Luis Boa Morte : l’oiseau rare du Portugal
Luis Boa Morte, 48 ans, n’est pas un inconnu du football international. Après une carrière de joueur couronnée de succès, notamment avec Arsenal à la fin des années 1990, il a choisi de se consacrer au coaching. Son parcours est marqué par des rôles d’adjoint de haut niveau, de formateur et de sélectionneur national.
Samsunspor (Turquie) : depuis juillet 2025, il est adjoint de Thomas Reis, apportant sa vision tactique et son expertise dans le développement des jeunes joueurs.
Sélectionneur de la Guinée-Bissau (2024-2025) : sa première expérience en tant que numéro un. Nommé en mars 2024, il n’a pas réussi à qualifier les Djurtus à la CAN 2025, mais a laissé une marque indélébile sur l’organisation de l’équipe et la discipline des joueurs.
Fulham FC (2021-2024) : adjoint de Marco Silva, il a contribué à la remontée immédiate du club en Premier League et à sa stabilisation dans le top 10 anglais.
Adjoint de Marco Silva (Everton & Maccabi Haïfa) : son rôle a été déterminant dans la mise en place de structures solides et d’un jeu attractif.

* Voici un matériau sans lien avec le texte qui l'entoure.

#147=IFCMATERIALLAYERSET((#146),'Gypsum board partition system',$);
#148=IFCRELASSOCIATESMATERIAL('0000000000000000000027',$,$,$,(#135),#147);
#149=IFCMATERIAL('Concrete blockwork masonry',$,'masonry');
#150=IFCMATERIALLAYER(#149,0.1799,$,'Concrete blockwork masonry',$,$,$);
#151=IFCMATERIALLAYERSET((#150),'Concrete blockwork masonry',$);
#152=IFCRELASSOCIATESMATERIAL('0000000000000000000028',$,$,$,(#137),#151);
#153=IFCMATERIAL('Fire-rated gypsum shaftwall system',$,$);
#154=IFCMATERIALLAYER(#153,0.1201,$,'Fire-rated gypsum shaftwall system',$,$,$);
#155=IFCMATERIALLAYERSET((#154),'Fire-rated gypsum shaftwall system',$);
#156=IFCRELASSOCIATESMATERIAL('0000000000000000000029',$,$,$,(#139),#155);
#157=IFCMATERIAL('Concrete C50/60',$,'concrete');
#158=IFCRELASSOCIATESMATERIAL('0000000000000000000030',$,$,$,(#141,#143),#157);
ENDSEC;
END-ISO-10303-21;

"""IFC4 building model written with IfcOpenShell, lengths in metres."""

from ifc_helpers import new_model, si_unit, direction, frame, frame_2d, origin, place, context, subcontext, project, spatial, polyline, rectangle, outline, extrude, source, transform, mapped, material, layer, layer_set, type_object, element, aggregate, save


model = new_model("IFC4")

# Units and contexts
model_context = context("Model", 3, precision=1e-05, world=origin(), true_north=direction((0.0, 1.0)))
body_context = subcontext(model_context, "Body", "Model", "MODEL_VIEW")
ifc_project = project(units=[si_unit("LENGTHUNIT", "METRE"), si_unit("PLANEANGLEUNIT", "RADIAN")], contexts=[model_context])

Formation et scouting : il a dirigé les U19 du Sporting CP et travaillé comme scout pour Arsenal, prouvant son talent pour détecter et former des talents émergents.
Son palmarès en tant qu’entraîneur principal reste modeste, mais il a joué les premiers rôles en tant qu’adjoint et formateur, notamment avec Fulham où il a contribué à remporter l’EFL Championship en 2021-2022 et à la promotion immédiate en Premier League. Sa capacité à transformer des joueurs en véritables machines tactiques fait de lui un candidat attendu pour redynamiser les Panthères.
Landry Chauvin : le maître de la formation
Landry Chauvin est l’incarnation du coach-formateur. Avec une carrière centrée sur le développement des jeunes, il a alterné entre postes d’adjoint et responsabilités de sélectionneur national chez les jeunes.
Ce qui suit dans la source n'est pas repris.